On the second exit markets for 2023, Greece unexpectedly moves forward with extradition new 5 year bondto capitalize on the positive climate in the bond market, and to avoid any potential instability that the pre-election period may cause.
Her announcement “Exit” so it is not at all coincidental that this happened a few hours after the announcement 21 May national elections. The official election date removes significant uncertainty for investors, who now have a definite horizon for future elections. pre-election period. This also explains the fact that Greek bonds yesterday they did not come under any pressure – unlike the Athens Stock Exchange, where the actions of several players who preferred to liquidate and take a wait-and-see position in the next pre-election period, were able to bring down the market.
However, since the entire election process will take a long time, this may cause volatility in the market. So INSTRUCTIONS with this move, he prefers to cover much of the year’s total publishing activity early on and not start a new publication in the middle of the pre-election period. There is no need for liquidity. However, it is important to have a regular Greek presence in the markets. Since the second round of elections is in July, the next opportunity to “leave” will be in September, and thus ODDIX will have eight months of “absence”, which does not radiate normality.
The new 5-year bond issue, which is being “managed” by BNP Paribas, Citi, Deutsche Bank, Morgan Stanley, Nomura and Piraeus Bank, aims to raise €2.5bn-3bn. estimate that demand will be very strong with a significant oversupply in the supply book.
As for the interest rate, it is estimated to be 3.7-3.85%, depending on the level and quality of demand, and is close to the yield of the corresponding bonds issued by Italy last month.
The purpose of the issue is to raise 2.5-3 billion euros. The interest rate is estimated at 3.7%–3.85%.
This move will allow ODDIX to raise 85%-93% of the total issuance planned for this year, which is 7 billion euros (8 billion euros if there is a green bond issue). It is noted that in January the Greek state has already attracted 3.5 billion euros from new 10-year bonds.
This movement also allows the ODDIX to move comfortably according to the situation, without pressure or rushing. According to K.when, for example, Greece leaves the election behind and perhaps even reaches investment grade even from the rating agency, ODDIX could take advantage of a favorable climate with positive surprises for the markets. In this context, new early repayments of GLF loans through the use of cash reserves are not ruled out, however, the decision on which, however, will be made closer to the end of the year, depending on developments.
Resilience demonstrated by Greek bonds: 10-year bonds showed the biggest spread reduction in the euro area since July 2022, when European Central Bank began to raise interest rates and by about 80 basis points, although they are now trading at the same levels as the corresponding Italian securities, this is proof that Greece is not considered a country with a high level of risk, despite the fact that it does not have investment grade. , and for this reason, demand for 5-year bonds is expected to be high.

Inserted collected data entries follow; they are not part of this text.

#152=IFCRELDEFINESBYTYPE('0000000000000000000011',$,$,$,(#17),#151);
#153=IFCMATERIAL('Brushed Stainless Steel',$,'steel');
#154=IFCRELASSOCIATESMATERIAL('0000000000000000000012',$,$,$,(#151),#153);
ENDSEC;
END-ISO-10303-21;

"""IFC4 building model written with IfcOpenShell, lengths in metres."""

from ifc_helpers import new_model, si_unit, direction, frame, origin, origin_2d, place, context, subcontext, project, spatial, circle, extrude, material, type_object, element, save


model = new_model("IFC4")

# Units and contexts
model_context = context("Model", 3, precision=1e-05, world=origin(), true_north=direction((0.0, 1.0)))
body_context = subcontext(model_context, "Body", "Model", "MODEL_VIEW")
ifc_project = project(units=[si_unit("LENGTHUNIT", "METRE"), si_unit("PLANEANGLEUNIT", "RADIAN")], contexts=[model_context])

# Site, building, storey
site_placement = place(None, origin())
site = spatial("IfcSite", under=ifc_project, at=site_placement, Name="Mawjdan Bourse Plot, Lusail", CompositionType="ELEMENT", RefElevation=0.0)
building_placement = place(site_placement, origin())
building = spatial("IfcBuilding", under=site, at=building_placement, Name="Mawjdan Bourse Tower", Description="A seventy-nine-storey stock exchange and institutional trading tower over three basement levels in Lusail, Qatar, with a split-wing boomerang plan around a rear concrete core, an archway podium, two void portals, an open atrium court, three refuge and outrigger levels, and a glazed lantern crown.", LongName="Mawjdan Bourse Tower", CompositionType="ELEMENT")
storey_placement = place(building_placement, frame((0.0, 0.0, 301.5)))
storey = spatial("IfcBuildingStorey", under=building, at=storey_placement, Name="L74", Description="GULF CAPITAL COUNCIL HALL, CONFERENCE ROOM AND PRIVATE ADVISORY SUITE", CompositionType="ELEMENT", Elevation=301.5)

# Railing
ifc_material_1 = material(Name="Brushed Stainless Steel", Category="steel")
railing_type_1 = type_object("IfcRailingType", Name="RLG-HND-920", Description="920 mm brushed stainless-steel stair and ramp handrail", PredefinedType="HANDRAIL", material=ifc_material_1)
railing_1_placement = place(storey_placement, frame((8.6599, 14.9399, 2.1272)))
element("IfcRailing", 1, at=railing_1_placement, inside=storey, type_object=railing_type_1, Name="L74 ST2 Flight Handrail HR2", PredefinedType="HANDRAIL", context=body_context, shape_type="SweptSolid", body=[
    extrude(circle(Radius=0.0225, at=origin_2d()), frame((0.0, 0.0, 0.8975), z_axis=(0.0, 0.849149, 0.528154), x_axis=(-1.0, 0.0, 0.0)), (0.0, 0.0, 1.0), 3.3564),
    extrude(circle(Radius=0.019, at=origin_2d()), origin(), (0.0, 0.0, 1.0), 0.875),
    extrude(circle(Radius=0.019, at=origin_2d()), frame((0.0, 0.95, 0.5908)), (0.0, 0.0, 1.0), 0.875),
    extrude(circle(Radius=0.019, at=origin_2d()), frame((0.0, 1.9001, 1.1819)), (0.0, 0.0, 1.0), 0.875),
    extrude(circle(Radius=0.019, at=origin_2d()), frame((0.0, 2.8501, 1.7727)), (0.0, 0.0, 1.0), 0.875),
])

As ODDIX CEO noted yesterday, Dimitris Tsakonas, in the context of the conference of the Chamber of Commerce and Industry, with the conditions of purchase has already been granted an investment class. “In my opinion, we could buy it in 2021, when we first issued 30-year bonds, which were oversubscribed by 8-9 times, and investors came in who were forced by PSI to give their money to Greece for 30 years. It was tangible proof of what it means for markets to trust Greek debt,” he characteristically noted.
At the same panel with Mr. Tsakonas, there were analysts from rating agencies who spoke about the possibility of restoring investment grade. Fitch Principal Analyst Alex Muscatelli stressed that it is important to continue the economic policies of recent years and that a sustainable downward debt ratio trajectory is the “key” to achieve this milestone. As he noted, a new renewal of the country is possible, as improvements on the fiscal front and in the banking sector continue. Capital flows from the Recovery Fund will be essential to support supply and demand, and this will also be facilitated by public investment.
Moody’s chief analyst Stephen Dyck said that for Greece to reach investment grade, the house wants to see tangible improvements in economic indicators such as GDP and quality of development, while stressing that it needs continued reforms and fiscal policy. adaptation to have more sustainable results for growth.